# Skidsteer Fenders



## Antlerart06 (Feb 28, 2011)

My first year running a skidsteer for lots.

Has anybody mount extra fenders on there skid to help keep the side windows clean from the slush???

Or am I over thinking on this???


----------



## BC Handyman (Dec 15, 2010)

I've never had a prob without them....infact I dont think I've ever seen fenders on a skid. I got a 2 speed & have been in wet/slushy conditions. So I think your worrying over nothing.


----------



## Antlerart06 (Feb 28, 2011)

BC Handyman;1662522 said:


> I've never had a prob without them....infact I dont think I've ever seen fenders on a skid. I got a 2 speed & have been in wet/slushy conditions. So I think your worrying over nothing.


My gehl has fenders but wheels still stick out little Mine is a 2 speed and one raining day was driving down gravel road and side windrows was so dirty from it . But I have tracks on right now they made a mess on windows in 2nd gear.

You see the fender that my skid has. I'm thinking about building set looks like factory but wider


----------



## peteo1 (Jul 4, 2011)

There was a guy on here last year that cut up some window wells and used them for fenders. Hope that helps


----------



## Antlerart06 (Feb 28, 2011)

peteo1;1662566 said:


> There was a guy on here last year that cut up some window wells and used them for fenders. Hope that helps


I thought about that

Was looking at plastic trailer fenders Tomorrow I need put the tap on the skid see what will work.


----------



## BUFF (Dec 24, 2009)

How about fabricating a tube frame, attach conveyor belt to it like fender flares and add some mounting tabs to the skid? 
This would allow them to be taken off when not needed


----------



## Antlerart06 (Feb 28, 2011)

BUFF;1662610 said:


> How about fabricating a tube frame, attach conveyor belt to it like fender flares and add some mounting tabs to the skid?
> This would allow them to be taken off when not needed


Thumbs Up Good idea Do have 16'' belt from a baler


----------



## BC Handyman (Dec 15, 2010)

Ya I'd want them removable, cause if left on I'd imagine they get torn off at some point.
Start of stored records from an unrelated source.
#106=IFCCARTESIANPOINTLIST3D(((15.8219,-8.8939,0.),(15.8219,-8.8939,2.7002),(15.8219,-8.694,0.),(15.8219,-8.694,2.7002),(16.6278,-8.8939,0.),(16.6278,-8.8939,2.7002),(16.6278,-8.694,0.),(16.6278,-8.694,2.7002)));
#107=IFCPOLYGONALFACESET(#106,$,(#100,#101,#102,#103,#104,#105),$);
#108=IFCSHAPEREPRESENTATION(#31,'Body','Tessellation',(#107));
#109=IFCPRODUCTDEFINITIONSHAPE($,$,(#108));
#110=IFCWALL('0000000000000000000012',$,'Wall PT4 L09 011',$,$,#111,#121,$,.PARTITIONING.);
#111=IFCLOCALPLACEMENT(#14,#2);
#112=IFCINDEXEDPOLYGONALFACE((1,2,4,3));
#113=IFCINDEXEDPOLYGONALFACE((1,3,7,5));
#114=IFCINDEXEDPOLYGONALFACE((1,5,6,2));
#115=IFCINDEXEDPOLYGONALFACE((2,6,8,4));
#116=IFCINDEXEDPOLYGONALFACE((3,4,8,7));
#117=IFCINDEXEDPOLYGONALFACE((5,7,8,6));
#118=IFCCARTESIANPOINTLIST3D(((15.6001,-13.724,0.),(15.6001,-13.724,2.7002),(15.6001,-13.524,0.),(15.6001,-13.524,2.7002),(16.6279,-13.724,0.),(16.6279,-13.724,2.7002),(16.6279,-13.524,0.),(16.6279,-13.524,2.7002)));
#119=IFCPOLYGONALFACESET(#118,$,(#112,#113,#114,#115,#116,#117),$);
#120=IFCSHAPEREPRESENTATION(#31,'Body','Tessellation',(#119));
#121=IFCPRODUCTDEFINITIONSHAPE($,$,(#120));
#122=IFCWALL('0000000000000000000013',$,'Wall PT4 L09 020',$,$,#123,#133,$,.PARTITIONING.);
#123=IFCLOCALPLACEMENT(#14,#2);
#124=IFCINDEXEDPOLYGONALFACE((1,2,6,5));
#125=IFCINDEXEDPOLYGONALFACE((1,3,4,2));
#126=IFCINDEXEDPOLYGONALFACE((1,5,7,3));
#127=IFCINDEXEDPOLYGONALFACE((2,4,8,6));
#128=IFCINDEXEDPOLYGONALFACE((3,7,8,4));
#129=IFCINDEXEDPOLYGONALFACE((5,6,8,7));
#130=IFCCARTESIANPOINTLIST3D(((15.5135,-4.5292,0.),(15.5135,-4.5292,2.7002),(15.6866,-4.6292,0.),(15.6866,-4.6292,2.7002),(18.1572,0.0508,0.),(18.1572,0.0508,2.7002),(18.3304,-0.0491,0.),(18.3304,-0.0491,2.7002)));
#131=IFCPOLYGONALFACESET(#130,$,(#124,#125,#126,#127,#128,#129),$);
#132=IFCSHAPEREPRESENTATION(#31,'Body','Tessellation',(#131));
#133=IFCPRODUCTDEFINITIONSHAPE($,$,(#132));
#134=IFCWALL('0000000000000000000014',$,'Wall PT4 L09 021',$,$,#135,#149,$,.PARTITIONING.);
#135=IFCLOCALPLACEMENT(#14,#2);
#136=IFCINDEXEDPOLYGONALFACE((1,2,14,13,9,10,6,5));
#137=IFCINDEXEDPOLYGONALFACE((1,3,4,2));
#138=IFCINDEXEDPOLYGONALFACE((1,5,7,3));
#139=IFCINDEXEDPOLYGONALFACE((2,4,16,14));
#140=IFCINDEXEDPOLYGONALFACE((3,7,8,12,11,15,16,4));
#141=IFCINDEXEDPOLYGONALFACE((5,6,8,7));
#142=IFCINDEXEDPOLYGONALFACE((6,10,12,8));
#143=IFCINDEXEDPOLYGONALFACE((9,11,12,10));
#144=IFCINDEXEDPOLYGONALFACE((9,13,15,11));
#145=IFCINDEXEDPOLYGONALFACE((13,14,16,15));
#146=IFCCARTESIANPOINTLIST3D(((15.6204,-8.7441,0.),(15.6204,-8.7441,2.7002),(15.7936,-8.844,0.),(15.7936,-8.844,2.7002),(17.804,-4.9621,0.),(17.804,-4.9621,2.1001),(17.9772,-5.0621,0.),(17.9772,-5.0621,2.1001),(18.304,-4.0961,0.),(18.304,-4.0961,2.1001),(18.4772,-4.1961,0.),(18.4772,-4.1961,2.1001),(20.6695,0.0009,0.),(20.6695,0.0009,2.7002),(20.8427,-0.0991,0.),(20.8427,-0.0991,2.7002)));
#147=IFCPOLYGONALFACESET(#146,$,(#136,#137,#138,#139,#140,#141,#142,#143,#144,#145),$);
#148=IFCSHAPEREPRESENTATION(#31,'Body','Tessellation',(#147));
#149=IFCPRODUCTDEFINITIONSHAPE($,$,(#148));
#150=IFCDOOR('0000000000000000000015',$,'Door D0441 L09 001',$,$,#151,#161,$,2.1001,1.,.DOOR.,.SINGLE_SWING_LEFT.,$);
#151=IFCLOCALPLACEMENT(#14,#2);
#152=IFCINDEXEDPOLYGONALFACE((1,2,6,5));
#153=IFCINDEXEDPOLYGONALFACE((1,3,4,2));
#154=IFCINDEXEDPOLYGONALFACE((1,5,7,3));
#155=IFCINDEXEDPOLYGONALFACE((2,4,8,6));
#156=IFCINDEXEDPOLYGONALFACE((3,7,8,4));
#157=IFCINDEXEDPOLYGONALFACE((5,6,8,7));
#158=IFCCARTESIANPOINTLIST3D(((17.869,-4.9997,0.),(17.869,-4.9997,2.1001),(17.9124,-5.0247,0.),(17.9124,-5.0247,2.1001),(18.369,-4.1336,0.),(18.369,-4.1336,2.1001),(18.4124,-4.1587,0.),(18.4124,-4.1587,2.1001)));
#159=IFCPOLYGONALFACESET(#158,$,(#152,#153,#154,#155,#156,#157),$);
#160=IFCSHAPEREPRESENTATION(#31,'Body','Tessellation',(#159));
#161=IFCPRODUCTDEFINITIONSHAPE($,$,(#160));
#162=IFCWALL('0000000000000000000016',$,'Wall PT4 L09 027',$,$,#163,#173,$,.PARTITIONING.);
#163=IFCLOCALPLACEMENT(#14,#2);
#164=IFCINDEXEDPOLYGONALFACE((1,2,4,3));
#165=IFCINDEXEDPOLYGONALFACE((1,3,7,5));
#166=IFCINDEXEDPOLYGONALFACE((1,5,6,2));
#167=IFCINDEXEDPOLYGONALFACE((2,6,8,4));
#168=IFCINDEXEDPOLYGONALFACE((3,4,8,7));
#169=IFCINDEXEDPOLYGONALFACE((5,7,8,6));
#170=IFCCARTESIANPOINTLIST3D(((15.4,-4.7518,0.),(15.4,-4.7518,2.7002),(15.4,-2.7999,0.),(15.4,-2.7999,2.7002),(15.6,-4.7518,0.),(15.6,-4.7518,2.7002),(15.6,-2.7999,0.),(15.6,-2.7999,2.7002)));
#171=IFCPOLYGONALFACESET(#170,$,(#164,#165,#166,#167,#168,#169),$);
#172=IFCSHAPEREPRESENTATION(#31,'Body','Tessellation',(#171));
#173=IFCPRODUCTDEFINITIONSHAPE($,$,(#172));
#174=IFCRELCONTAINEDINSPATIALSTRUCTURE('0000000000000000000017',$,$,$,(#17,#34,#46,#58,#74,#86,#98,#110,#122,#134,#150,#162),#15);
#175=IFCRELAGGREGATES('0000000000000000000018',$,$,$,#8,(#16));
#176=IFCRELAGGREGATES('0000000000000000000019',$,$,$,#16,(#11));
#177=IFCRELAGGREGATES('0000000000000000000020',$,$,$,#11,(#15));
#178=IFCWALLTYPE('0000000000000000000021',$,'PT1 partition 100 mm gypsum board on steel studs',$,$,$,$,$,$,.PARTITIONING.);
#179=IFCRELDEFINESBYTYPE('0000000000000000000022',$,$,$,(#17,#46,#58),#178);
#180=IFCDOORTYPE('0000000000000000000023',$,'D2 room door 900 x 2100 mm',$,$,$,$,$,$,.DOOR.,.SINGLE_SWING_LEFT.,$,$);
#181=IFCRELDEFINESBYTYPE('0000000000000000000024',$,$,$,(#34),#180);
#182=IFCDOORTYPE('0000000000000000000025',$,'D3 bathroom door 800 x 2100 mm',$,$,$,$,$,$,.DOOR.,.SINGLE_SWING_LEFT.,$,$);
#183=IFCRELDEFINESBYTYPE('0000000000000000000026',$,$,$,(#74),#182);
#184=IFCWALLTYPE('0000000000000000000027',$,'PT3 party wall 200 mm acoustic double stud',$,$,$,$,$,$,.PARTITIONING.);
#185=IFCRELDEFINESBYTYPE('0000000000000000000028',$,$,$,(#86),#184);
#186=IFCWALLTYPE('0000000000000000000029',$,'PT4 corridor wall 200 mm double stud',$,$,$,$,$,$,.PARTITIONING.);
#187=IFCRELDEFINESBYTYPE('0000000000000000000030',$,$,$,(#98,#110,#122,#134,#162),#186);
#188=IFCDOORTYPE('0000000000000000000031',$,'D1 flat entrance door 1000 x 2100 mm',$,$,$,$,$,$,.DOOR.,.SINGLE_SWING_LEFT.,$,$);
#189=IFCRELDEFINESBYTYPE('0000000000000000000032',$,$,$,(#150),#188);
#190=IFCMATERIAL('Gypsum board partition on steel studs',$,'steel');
Hmmm tracks make more spray... interesting I've never ran tracks so I would have never guessed, Really I'd think less spray from tracks, learn something new every day.


----------



## Antlerart06 (Feb 28, 2011)

BC Handyman;1662624 said:


> Ya I'd want them removable, cause if left on I'd imagine they get torn off at some point. Hmmm tracks make more spray... interesting I've never ran tracks so I would have never guessed, Really I'd think less spray from tracks, learn something new every day.


Well only throwing up only in 2nd I'm running Camoplast OTT tracks.

Pushing snow I'll have the tires on they may not throw stuff on the windows but it might keep the road salt from getting on the top side of the skid. Extra wide fender will keep crap on the bottom side of skid. Since my skid will be driven on side streets to do 5 Dr.office lots then back to a complex and few driveways in between .

http://www.plowsite.com/showthread.php?t=148483 There is what my skid looks like with tracks


----------



## Greenmtboy (Jan 22, 2011)

Here yeah go.


----------



## Antlerart06 (Feb 28, 2011)

Greenmtboy;1663594 said:


> Here yeah go.


Are they homemade or did you buy then if so what brand


----------



## Greenmtboy (Jan 22, 2011)

Antlerart06;1663644 said:


> Are they homemade or did you buy then if so what brand


They are plastic window wells modified. They are a huge help in keeping my machine clean!


----------



## durallymax (Nov 2, 2011)

I was looking through my Minimizer catalog and noticed some of their fenders would work. I thought about putting them on our barn skid steer to keep it cleaner. They aren't too pricey and have a lifetime warranty.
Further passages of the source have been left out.